Invalid arguments will result in return value NaN.
The length of the result is determined by n for rlca, and is the
maximum of the lengths of the numerical arguments for the other functions.
Author(s)
Rodrigo M. R. de Medeiros <rodrigo.matheus@live.com>
References
Vanegas, L. H., and Paula, G. A. (2016). Log-symmetric distributions: statistical properties and parameter estimation.
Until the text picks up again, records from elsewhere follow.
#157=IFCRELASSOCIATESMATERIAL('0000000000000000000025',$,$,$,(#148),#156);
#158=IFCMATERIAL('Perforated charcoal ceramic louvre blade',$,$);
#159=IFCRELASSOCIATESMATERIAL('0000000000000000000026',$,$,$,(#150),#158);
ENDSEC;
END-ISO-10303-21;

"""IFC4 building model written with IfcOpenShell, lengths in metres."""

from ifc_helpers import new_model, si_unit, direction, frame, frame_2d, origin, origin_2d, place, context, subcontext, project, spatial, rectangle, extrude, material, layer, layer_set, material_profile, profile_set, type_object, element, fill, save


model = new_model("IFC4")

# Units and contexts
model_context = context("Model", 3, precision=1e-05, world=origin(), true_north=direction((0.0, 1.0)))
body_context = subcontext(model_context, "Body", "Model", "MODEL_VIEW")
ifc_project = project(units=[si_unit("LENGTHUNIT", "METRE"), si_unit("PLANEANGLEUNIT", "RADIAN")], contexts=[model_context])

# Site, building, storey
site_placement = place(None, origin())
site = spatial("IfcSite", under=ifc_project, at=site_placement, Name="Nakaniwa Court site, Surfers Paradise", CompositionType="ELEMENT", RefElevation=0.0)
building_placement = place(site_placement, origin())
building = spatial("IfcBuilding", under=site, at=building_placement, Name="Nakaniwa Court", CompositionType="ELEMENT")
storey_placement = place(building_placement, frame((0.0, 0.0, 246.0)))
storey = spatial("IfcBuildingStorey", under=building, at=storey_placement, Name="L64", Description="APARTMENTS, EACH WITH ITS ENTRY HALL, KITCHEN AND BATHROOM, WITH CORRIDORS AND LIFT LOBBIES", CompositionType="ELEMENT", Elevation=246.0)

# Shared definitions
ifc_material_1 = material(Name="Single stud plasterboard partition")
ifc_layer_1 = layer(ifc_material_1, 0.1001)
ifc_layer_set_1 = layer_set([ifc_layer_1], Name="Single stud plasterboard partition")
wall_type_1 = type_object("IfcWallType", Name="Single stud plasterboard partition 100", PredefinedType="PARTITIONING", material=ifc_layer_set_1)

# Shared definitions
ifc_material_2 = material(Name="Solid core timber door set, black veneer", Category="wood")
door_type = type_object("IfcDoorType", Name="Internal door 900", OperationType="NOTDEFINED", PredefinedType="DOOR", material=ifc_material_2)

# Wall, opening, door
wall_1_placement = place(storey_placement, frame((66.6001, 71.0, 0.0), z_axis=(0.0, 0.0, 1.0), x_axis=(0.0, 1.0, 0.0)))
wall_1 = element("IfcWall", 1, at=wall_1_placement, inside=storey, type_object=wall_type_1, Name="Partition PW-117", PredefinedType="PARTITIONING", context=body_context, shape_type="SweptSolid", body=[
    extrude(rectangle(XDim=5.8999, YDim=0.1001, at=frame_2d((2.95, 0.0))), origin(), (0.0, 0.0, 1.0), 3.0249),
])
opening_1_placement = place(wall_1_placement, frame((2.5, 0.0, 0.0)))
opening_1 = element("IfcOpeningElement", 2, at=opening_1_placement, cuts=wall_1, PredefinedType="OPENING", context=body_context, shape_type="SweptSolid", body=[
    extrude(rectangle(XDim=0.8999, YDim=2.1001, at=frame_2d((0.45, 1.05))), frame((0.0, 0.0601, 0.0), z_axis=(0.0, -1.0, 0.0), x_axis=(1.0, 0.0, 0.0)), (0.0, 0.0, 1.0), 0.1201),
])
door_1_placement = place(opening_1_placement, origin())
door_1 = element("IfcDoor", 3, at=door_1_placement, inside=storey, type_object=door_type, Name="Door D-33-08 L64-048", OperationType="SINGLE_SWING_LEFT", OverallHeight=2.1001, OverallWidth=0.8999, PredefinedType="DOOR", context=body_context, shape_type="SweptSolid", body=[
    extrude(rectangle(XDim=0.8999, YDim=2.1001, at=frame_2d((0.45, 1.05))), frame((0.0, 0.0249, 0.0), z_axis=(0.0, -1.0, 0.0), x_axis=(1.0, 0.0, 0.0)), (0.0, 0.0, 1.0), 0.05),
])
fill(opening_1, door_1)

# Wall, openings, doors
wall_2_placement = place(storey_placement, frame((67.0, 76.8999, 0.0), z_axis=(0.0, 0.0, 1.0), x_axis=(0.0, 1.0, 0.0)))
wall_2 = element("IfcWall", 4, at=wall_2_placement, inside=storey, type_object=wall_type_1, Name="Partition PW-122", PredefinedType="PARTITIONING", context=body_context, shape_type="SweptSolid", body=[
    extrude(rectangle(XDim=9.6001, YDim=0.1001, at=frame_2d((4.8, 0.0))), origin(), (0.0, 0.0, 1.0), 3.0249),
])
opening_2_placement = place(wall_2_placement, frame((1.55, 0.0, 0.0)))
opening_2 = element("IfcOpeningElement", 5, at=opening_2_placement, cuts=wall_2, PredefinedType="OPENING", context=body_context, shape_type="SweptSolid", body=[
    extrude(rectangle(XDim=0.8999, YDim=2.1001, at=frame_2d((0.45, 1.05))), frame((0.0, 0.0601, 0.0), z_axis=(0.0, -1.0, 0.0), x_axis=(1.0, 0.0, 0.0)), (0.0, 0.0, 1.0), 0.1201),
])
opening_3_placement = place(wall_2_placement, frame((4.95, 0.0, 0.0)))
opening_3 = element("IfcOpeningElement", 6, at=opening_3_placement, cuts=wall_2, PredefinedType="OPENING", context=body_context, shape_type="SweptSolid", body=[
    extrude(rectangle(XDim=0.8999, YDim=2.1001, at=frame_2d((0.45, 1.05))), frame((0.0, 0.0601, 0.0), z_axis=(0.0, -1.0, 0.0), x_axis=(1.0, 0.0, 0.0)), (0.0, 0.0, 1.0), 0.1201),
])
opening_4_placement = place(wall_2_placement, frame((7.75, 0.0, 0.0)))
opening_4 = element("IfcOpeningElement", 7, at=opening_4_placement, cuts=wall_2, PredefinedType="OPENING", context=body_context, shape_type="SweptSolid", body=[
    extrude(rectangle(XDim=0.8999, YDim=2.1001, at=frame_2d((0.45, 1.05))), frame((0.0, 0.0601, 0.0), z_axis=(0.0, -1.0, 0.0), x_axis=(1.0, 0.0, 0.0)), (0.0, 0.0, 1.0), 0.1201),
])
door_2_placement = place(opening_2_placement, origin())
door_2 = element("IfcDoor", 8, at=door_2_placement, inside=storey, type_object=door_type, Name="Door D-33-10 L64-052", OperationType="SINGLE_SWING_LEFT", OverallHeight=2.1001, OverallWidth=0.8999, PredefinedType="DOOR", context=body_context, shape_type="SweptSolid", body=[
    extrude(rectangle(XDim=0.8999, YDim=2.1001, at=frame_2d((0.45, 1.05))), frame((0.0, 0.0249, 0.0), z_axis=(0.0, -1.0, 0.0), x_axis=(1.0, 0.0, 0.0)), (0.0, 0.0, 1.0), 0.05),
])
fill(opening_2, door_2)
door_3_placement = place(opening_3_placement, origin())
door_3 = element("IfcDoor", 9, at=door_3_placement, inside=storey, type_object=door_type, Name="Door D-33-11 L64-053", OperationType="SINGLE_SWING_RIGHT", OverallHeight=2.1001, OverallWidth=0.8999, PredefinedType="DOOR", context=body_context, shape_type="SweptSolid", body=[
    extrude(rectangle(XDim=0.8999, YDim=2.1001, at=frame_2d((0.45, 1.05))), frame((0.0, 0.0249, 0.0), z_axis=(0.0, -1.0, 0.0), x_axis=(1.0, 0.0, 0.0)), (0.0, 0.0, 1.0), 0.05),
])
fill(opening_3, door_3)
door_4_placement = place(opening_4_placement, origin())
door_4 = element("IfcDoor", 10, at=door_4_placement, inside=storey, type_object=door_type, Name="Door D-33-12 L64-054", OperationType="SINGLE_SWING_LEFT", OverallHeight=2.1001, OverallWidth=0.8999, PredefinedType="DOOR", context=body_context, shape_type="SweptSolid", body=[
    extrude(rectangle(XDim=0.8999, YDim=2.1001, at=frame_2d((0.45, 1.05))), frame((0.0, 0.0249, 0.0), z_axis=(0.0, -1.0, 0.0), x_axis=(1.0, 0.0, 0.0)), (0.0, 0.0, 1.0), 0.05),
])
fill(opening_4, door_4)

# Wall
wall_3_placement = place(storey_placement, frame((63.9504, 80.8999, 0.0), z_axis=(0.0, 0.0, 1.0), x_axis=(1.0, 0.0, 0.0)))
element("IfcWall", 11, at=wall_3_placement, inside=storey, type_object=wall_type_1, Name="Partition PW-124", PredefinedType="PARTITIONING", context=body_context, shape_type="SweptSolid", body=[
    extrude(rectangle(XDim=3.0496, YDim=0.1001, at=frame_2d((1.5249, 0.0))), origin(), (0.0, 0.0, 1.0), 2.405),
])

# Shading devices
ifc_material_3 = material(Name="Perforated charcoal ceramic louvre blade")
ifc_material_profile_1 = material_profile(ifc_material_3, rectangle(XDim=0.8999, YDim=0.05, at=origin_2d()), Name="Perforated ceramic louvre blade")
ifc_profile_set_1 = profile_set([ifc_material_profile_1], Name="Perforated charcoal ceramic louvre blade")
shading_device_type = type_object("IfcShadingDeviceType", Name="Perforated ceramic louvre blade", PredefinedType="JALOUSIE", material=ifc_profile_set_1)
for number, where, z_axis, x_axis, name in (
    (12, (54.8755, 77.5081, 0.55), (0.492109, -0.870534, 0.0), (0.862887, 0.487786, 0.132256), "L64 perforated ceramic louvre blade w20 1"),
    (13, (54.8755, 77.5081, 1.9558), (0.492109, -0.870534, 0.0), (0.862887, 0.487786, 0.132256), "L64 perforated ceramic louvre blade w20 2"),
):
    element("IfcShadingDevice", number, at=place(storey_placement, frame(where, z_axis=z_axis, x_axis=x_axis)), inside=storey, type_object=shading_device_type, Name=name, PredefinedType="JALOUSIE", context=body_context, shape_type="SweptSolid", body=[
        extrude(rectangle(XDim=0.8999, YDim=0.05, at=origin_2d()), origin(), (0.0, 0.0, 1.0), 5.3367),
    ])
Brazilian Journal of Probability and Statistics, 30, 196-220.
Examples
mu <- 5
sigma <- 0.5
# Sample generation
x <- rlca(500, mu, sigma)
# Density
hist(x, prob = TRUE, main = "The Log-Laplace Distribution", col = "white")
curve(dlca(x, mu, sigma), add = TRUE, col = 2, lwd = 2)
legend("topright", "Probability density function", col = 2, lwd = 2, lty = 1)
# Distribution function
plot(ecdf(x), main = "The Log-Laplace Distribution", ylab = "Distribution function")
curve(plca(x, mu, sigma), add = TRUE, col = 2, lwd = 2)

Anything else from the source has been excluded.